Spotting signs of fetal distress can be crucial to the prevention of birth injuries in Kingston, New York

The term, "fetal distress", is hated by the medical community...and for good reason.  Fetal distress is a term used to indicate that your baby is not getting enough oxygen during your pregnancy and the lack of oxygen to your baby can cause long-term neurological injuries, cerebral palsy and death.

What are the signs of fetal distress?  The most reliable sign of fetal distress is very old school: the mother's instincts.  It is often the case that mom knows better than any physician that her baby is in trouble and this is often revealed by decreased movement of the baby felt by the mother. If the baby is not moving in the mother's womb, this is the number one sign of fetal distress and that the baby may need to be delivered pronto.

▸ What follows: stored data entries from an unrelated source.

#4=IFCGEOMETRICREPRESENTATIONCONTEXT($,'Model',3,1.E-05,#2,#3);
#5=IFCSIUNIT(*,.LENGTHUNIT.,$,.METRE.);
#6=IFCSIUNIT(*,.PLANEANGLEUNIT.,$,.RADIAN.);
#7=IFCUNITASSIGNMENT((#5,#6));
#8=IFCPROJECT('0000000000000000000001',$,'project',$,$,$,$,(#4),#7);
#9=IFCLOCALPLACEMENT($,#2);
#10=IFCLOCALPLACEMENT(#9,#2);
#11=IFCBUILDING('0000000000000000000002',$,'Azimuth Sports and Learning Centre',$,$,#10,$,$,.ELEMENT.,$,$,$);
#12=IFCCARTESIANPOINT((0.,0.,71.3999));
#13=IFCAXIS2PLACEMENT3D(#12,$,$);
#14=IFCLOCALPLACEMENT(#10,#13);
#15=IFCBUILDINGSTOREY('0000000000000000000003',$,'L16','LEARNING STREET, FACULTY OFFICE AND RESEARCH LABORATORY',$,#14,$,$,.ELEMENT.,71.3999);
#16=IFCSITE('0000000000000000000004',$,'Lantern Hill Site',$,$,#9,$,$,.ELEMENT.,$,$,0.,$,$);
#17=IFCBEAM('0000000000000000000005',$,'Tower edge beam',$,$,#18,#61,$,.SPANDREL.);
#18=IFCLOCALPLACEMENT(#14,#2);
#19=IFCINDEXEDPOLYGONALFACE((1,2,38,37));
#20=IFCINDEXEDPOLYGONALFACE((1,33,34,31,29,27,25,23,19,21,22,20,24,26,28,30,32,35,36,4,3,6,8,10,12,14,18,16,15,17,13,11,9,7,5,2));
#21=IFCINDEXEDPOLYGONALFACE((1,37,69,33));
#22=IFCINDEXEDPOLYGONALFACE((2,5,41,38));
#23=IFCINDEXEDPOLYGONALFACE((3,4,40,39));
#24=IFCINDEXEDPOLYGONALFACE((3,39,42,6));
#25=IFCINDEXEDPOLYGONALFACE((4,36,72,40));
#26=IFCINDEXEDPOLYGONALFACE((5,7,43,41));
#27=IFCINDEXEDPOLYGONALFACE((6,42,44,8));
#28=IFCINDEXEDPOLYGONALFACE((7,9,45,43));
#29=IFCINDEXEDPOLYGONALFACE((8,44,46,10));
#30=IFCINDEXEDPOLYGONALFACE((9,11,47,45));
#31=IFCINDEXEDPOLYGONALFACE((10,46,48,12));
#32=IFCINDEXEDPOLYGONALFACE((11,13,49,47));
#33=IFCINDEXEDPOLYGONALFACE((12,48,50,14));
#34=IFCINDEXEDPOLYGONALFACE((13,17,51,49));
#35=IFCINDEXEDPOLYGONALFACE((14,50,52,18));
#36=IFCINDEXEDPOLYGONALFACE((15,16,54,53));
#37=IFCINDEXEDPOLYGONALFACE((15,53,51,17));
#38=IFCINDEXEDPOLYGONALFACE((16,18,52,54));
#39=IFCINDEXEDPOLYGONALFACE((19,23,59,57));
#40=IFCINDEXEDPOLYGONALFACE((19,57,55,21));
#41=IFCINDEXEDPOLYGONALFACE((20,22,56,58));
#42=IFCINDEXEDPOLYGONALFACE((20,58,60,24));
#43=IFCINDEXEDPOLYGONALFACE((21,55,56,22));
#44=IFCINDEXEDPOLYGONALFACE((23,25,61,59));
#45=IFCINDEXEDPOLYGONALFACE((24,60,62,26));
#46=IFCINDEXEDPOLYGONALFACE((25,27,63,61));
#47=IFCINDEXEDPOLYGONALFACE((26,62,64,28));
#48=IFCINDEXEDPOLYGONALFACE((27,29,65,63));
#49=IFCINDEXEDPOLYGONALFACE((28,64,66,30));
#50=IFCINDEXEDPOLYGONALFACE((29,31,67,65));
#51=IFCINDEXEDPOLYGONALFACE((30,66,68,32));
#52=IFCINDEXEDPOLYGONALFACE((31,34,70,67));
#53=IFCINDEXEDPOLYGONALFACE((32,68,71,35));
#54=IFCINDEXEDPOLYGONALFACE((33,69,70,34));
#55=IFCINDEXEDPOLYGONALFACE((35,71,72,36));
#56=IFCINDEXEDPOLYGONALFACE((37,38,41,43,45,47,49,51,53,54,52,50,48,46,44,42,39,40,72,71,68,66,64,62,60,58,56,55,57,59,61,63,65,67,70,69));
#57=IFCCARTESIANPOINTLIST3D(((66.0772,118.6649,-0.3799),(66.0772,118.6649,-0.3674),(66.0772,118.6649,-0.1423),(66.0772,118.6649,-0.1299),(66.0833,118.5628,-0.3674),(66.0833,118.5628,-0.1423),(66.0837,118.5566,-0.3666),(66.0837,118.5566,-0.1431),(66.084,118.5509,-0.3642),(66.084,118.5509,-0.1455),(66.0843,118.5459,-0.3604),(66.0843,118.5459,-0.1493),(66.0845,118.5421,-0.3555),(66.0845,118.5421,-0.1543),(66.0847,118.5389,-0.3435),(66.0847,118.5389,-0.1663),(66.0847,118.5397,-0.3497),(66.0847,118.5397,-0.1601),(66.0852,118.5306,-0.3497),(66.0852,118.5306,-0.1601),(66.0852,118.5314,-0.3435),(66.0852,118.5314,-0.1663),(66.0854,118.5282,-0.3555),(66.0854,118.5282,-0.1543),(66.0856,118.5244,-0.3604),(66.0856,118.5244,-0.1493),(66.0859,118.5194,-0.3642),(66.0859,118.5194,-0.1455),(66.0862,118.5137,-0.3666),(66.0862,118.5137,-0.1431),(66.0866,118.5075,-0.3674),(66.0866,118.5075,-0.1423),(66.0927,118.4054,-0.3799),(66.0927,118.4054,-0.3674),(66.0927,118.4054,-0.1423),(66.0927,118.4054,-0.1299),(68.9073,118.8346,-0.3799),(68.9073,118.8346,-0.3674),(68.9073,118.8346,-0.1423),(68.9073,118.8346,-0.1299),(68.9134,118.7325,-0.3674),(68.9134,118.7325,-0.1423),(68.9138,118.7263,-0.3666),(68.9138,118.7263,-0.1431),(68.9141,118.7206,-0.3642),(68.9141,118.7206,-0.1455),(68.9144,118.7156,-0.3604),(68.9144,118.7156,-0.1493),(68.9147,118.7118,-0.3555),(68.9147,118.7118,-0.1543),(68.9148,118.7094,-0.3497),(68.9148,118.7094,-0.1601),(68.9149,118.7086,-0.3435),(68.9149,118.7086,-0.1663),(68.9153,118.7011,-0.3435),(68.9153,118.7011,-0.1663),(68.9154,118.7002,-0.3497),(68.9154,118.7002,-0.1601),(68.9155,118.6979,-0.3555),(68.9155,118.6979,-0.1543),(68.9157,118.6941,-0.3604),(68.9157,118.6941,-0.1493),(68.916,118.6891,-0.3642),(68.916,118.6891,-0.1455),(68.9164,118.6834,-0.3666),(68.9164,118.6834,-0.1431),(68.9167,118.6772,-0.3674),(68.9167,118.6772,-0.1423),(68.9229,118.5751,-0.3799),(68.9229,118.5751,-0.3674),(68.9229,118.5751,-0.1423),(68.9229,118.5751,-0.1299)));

What else to look for? The fetal heart rate pattern provides valuable clues about the baby's status.  When an electronic fetal monitor is attached to the mother's abdomen, a continuous tracing of your baby's heart can indicate that your baby is in distress.  The fetal heart rate should range between 100 and 160 beats per minute; a fetal heart rate that is either too low (less than 100 beats per minute) or too high (over 160 beats per minute) can indicate that your baby is not receiving enough oxygen and may need to be delivered.

There are two key terms to remember about fetal heart tracing: late decelerations and variable decelerations.  They are both bad for your baby.  Late decelerations means that the decrease in the fetal heart rate from the baseline rate has a lag time of twenty seconds from the peak of the contractions to the bottom of the fetal heart rate deceleration.  Persistent late decelerations in the fetal heart rate tracing is a sign of fetal distress.

Variable decelerations in the fetal heart tracing refers to decreases in the fetal heart tracing from the baseline rate that are non-uniform changes that bear little relationship to uterine contractions.  Variable decelerations are a sign of fetal distress since they are a deviation from the steady pattern of uterine contractions and heart decelerations that are a sign of fetal well-being.

When an electronic fetal monitor (EFM) is applied to your abdomen, you should ask your doctor, nurse midwife or labor and delivery nurse whether the fetal heart tracings have any late decelerations or variable decelerations.  If there is a persistent pattern of late decelerations or variable decelerations over the course of two minutes, your baby is likely not getting enough oxygen and may need to be delivered.

Another sign of fetal distress is the presence of meconium in the amniotic fluid.  Meconium is discoloration of the amniotic fluid caused by your baby's first stool. If the amniotic fluid appears green after the mother's membranes have ruptured, your baby may be in trouble.

What do you do if there are signs of fetal distress?  Fetal distress is often temporary and can be resolved with simple measures such as turning the mother on her left side, administering oxygen by mask and performing a vaginal examination to check for a prolapsed umbilical cord.  If these interventions do not improve the signs of fetal distress, your care providers must be ready for an emergency cesarean section.

Every minute counts when there is fetal distress.  Long term neurological injuries, cerebral palsy and disability can result if signs of fetal distress are ignored or neglected by your care providers.  You should be familiar with the signs of fetal distress and most importantly, trust your instincts if you have a gut feeling that something is wrong with your baby.